Technical Reviewers: Steve Schmidt, Mike Purtell, Mark Souza, Juergen Thomas, Peter Scharlock, Burzin Patel, Prem Mehra, James Podgorski, Joseph Sack, Alexey Yeltsov, Tom Davidson, Thomas Kejser, Lindsey Allen, Yuriy Toropov, Glenn Berry (SQL Server MVP)

Overview

This is the second part of the article Tuning the Performance of Backup Compression in SQL Server 2008. In the first part we described the benefits of backup compression, a methodology on how to tune backup compression for best performance, and shared some best practices. In this second part, we describe some more considerations in tuning backup compression, and how backup compression interacts with other important features in Microsoft SQL Server 2008. Specifically, we will discuss the following:

  • Tuning BUFFERCOUNT and MAXTRANSFERSIZE
  • Memory used by backup compression
  • Backup compression and log shipping
  • Backup compression and data compression
  • Backup compression and transparent data encryption

Understanding the tuning techniques and the interoperability of backup compression with other features discussed in this article can help you get the best out of the backup compression feature.

Tuning BUFFERCOUNT

As described in Part 1 of the article, default BUFFERCOUNT is determined by SQL Server based on the number of database volumes and backup devices.
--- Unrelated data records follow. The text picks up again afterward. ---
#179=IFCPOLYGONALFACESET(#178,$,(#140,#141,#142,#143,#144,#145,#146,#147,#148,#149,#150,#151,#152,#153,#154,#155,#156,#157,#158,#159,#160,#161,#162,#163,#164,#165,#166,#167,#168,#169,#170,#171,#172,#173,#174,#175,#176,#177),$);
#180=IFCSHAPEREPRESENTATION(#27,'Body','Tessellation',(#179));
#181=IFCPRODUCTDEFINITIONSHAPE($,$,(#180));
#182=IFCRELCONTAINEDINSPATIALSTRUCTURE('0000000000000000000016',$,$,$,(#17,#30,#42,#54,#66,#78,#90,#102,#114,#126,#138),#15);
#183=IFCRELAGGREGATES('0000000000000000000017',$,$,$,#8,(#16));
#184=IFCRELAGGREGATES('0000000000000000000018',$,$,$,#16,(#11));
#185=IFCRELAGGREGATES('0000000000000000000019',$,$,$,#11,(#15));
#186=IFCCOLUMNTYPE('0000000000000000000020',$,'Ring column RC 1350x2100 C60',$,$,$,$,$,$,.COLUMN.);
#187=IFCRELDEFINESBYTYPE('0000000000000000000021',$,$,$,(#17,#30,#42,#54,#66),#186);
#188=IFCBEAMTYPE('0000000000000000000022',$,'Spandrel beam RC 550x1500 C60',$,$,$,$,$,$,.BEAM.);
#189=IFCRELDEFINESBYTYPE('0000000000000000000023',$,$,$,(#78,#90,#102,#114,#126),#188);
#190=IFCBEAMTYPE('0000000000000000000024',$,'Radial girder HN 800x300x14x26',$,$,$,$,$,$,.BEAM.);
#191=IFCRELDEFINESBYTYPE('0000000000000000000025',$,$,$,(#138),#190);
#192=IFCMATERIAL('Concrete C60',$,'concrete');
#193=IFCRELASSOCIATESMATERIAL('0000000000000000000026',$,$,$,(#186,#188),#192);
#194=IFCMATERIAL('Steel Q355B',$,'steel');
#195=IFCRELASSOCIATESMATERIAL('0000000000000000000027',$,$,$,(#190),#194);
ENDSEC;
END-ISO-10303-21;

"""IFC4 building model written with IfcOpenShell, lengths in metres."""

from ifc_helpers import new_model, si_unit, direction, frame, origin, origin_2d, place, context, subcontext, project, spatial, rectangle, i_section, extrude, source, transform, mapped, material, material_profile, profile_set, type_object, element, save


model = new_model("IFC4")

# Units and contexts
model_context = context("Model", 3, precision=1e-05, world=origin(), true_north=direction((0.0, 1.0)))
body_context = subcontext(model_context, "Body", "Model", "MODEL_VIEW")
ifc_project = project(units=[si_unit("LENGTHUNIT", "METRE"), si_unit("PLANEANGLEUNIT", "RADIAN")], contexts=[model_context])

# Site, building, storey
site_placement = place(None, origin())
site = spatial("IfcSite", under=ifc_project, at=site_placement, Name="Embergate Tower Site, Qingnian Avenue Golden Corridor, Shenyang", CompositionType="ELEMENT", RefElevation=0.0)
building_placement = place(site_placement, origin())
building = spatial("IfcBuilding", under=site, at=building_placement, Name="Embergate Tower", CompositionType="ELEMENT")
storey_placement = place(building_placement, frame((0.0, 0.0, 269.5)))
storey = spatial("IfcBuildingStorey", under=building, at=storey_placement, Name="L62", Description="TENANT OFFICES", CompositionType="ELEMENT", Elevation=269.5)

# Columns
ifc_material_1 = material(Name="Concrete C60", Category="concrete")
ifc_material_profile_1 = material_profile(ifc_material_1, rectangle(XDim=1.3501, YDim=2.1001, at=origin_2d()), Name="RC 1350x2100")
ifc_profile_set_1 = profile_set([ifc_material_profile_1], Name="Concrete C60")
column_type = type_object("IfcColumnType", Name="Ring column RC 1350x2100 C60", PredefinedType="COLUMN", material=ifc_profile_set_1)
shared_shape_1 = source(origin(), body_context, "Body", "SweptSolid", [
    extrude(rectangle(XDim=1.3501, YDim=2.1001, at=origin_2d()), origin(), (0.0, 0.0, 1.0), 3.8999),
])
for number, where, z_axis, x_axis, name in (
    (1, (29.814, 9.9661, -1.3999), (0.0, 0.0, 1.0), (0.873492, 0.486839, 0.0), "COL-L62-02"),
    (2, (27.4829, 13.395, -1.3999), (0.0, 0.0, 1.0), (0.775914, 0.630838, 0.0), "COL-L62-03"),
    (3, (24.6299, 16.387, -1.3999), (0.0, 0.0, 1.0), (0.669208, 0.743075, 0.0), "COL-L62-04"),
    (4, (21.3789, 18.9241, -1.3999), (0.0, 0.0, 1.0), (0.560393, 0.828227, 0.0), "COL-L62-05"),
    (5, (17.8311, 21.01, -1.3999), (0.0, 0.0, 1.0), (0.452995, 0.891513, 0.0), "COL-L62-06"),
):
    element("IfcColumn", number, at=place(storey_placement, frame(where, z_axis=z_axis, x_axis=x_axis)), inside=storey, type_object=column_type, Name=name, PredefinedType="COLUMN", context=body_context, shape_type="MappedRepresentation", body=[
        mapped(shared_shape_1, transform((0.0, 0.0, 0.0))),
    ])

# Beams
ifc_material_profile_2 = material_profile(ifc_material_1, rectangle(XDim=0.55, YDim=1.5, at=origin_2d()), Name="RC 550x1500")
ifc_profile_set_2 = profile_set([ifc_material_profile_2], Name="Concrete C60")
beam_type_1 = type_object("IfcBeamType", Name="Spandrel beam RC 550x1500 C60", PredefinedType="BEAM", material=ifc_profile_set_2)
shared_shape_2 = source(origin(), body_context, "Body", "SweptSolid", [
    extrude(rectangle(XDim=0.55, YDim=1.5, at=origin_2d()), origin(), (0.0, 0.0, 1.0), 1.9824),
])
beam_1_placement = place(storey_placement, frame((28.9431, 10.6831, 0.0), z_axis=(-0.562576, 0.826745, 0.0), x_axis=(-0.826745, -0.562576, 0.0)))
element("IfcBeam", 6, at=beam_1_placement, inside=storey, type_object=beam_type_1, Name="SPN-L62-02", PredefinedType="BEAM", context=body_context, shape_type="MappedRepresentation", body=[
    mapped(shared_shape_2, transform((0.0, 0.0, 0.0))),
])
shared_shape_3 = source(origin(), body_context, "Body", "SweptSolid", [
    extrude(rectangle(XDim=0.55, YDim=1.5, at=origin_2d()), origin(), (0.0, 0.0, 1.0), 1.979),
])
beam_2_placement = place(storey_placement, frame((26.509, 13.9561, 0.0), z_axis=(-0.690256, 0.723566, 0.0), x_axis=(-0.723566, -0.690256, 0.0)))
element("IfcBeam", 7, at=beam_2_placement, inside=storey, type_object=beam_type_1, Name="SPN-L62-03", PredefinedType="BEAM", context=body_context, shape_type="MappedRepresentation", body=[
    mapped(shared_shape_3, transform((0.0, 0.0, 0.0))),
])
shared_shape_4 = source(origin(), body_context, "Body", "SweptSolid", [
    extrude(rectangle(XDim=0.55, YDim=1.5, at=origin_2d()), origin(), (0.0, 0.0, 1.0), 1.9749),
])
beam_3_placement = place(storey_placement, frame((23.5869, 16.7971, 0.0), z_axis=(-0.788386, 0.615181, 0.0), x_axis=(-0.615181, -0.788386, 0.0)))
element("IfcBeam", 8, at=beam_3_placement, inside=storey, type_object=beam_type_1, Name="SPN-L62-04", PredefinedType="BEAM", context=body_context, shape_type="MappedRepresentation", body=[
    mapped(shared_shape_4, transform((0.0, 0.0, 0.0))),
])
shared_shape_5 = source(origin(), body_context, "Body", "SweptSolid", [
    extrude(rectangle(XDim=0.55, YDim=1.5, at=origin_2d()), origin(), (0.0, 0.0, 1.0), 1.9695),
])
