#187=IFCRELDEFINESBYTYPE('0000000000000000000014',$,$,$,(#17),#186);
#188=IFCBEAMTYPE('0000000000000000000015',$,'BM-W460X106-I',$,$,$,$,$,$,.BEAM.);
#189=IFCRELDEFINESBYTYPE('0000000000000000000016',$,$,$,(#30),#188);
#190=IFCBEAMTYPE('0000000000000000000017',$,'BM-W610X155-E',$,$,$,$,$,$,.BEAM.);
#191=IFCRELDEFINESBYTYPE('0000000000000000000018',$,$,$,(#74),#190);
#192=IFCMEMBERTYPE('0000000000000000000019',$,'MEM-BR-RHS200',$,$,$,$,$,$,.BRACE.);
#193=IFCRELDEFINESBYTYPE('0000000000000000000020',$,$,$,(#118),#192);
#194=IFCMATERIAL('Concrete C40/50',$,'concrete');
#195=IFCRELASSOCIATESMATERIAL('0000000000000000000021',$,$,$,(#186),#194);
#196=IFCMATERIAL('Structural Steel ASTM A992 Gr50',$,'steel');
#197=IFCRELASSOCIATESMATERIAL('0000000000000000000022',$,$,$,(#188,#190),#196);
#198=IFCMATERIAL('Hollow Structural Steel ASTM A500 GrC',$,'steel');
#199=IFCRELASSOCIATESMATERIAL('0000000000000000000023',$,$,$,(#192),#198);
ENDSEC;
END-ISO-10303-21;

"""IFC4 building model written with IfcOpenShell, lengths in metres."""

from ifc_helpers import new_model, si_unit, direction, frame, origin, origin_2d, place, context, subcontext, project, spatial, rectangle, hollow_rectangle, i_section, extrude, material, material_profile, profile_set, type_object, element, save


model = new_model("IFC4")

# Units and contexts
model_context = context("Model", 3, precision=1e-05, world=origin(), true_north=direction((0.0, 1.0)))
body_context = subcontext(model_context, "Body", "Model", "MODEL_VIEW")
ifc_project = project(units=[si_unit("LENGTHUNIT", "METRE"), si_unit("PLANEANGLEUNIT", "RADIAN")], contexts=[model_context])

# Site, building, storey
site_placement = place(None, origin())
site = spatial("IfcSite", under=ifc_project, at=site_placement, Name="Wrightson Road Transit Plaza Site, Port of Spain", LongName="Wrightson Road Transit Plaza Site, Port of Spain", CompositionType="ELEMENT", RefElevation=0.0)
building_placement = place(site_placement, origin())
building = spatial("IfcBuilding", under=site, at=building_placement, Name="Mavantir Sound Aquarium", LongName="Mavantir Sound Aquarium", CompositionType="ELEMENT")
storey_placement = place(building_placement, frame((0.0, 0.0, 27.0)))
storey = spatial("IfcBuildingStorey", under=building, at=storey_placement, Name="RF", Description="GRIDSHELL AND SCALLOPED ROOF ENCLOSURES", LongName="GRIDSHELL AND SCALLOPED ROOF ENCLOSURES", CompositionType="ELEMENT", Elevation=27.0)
If the database files are spread across several disk volumes and/or there are a large number of backup devices, the default BUFFERCOUNT value may provide optimal backup performance, and you may not need to tune BUFFERCOUNT further. As discussed in Part 1, you can use the trace flags 3605 and 3213 to find out the default BUFFERCOUNT value used in your backup. However, if the database files are spread across too few disk volumes and/or there are a small number of backup devices, the default BUFFERCOUNT value may not provide optimal backup performance. Tuning BUFFERCOUNT explicitly may improve backup performance.

Part2Fig1

Figure 1: Backup time and CPU utilization with varying BUFFERCOUNT

As illustrated in Figure 1, increasing BUFFERCOUNT results in reduced backup time, at the cost of higher CPU utilization. Your results may vary depending upon your database size, storage layout, and server capacity; however, you will notice that the impact of increasing BUFFERCOUNT on backup performance tends to reduce as BUFFERCOUNT is increased beyond a certain value. In our test, the curve tends to flatten out as we increase BUFFERCOUNT beyond 50.
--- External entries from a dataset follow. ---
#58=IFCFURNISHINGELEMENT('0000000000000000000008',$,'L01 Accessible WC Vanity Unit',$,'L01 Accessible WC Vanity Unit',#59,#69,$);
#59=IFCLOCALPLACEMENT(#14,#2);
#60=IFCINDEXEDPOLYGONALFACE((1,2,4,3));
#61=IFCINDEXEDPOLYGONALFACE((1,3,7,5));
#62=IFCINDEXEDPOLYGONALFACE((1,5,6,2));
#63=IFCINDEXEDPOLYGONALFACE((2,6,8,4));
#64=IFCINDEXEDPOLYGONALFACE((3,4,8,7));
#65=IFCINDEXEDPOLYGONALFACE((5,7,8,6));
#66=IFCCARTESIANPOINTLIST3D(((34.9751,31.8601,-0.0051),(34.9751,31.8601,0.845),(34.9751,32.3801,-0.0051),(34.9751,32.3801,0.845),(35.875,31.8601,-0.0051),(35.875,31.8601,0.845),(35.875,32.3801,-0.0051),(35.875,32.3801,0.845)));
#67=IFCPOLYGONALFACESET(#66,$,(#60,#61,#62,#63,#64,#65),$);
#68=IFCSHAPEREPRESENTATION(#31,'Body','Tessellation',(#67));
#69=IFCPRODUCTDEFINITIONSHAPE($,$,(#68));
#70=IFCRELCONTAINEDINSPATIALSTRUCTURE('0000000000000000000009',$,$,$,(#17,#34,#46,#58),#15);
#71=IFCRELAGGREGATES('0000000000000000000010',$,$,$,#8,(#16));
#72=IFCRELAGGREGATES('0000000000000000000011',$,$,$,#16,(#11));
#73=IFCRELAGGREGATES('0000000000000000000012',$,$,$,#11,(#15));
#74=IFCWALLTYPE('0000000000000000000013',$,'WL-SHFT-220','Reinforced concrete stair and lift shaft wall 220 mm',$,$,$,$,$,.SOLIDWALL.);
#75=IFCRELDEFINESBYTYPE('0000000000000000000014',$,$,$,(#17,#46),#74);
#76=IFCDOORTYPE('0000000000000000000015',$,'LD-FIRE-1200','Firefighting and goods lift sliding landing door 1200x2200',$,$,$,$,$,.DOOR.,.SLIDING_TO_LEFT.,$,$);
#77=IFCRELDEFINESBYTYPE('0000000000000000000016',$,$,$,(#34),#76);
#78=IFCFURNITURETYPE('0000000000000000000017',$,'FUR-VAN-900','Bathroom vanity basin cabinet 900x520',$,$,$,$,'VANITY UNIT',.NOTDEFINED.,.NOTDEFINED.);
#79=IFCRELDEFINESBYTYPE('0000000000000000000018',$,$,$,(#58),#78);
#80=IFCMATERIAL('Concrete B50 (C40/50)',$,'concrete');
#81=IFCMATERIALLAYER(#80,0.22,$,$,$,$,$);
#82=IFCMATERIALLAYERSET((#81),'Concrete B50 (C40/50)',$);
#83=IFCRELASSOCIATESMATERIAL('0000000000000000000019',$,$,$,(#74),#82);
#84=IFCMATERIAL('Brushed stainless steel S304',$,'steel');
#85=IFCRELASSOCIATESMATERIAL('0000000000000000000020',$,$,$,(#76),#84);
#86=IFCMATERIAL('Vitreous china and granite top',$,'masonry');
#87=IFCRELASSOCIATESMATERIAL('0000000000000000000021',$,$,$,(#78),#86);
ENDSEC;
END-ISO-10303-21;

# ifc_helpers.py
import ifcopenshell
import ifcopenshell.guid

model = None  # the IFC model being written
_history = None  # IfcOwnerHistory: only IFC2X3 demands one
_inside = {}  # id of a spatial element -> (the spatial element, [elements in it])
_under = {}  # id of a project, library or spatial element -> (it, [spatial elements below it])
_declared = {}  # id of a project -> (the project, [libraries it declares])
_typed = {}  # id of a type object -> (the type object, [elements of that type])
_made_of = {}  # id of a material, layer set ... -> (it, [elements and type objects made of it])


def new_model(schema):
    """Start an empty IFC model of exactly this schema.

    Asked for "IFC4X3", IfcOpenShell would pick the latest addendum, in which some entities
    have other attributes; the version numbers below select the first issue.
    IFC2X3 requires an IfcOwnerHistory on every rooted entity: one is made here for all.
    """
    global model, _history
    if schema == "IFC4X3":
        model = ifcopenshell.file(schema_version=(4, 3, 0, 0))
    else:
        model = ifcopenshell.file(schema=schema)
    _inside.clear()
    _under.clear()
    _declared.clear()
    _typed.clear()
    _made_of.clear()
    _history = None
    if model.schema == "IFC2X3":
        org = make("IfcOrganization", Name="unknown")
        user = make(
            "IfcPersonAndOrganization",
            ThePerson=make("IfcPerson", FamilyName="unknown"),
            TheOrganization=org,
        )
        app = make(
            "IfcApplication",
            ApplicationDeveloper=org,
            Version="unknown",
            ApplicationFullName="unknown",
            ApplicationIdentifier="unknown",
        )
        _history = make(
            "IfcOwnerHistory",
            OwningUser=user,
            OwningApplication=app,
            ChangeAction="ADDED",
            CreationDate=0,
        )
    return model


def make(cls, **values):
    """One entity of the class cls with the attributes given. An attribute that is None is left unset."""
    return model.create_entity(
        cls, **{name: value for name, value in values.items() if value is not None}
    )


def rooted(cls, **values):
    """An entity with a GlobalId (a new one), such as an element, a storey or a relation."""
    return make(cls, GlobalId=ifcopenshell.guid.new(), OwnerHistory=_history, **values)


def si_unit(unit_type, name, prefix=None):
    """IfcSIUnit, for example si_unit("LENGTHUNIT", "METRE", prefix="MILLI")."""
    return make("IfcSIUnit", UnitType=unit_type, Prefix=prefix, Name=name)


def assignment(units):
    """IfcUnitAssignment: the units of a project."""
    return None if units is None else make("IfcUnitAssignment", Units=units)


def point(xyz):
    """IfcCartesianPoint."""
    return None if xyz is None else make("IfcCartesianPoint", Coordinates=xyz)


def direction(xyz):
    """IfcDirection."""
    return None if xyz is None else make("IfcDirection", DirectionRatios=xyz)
BUFFERCOUNT value impacts the amount of memory used for backup (discussed later in the section “Memory Utilization by Backup”). Keep this in mind if you explicitly specify the BUFFERCOUNT value.

Tuning MAXTRANSFERSIZE

MAXTRANSFERSIZE refers to the size of the I/O operation issued to read data from the database files. The default value of MAXTRANSFERSIZE is 1 MB. Performance of sequential I/O operations generally benefit from larger block sizes, which is the reason the value is set to 1 MB by default. One drawback of larger I/O sizes is the potential impact on performance of the smaller I/Os being issued concurrently by an OLTP workload. Because I/O queue structures are shared, intermixing large I/O sizes with smaller concurrent I/O requests results in increased latency for both. In today’s shared storage network environments, there is potential for these operations to also impact other hosts sharing the same physical devices. Tuning this parameter is likely unnecessary in hardware configurations using dedicated storage, and it may be necessary only if it is determined that the backup operations impact concurrent workloads. As recommended in Part 1 of the article, tuning MAXTRANSFERSIZE should be considered as a secondary tuning option, and it should only to be utilized when it is determined to be beneficial through testing. In the majority of deployments, the default value will be acceptable.

Figure 2 illustrates observations of backup performance using various transfer sizes.

Part2Fig2

Figure 2: Backup time and throughput with varying MAXTRANSFERSIZE (BUFFERCOUNT = 50, 1 Backup Device)

As illustrated in Figure 2, smaller MAXTRANSFERSIZE (64 KB) results in lower backup throughput and hence longer backup time, and as you increase MAXTRANSFERSIZE, you observe reduced backup time and higher throughput. However, the impact of increasing MAXTRANSFERSIZE on backup performance tends to reduce as MAXTRANSFERSIZE is increased beyond a certain value. In our tests, we observed optimal backup performance when MAXTRANSFERSIZE was between 128 KB and 512 KB. Your results may vary based on your I/O configuration (throughput and latency of your I/O subsystem).

Similar to the BUFFERCOUNT setting, the value chosen for MAXTRANSFERSIZE will also impact the amount of memory used for backup operation (discussed later).

Memory Utilization by Backup

As discussed in Part 1 of the article, memory used by backup buffers comes from virtual address space outside the buffer pool. On 32-bit systems, there is a fixed amount of virtual address space set aside outside of the buffer pool (default of 384 MB); increasing BUFFERCOUNT and MAXTRANSFERSIZE options to high values may fail because the memory for backup operations is calculated and set aside at the beginning of the operation.

On 64-bit systems, the virtual address space for any process can be up to 8 TB which is far beyond the physical memory supported on current 64-bit version of Windows. As a result, memory for allocations outside the buffer pool does not have to be set aside at the time SQL Server is started and is potentially unlimited. Setting an appropriate value for ‘max server memory’ using SP_CONFIGURE is recommended on 64-bit deployments of SQL Server to ensure that enough physical memory will be available to support allocations outside the buffer pool for backup operations.

Trace flags 3605 and 3213 can be used to report the number of buffers used for backup operations to the SQL Server ERRORLOG. The following example shows the information that is reported in the ERRORLOG when these trace flags are enabled.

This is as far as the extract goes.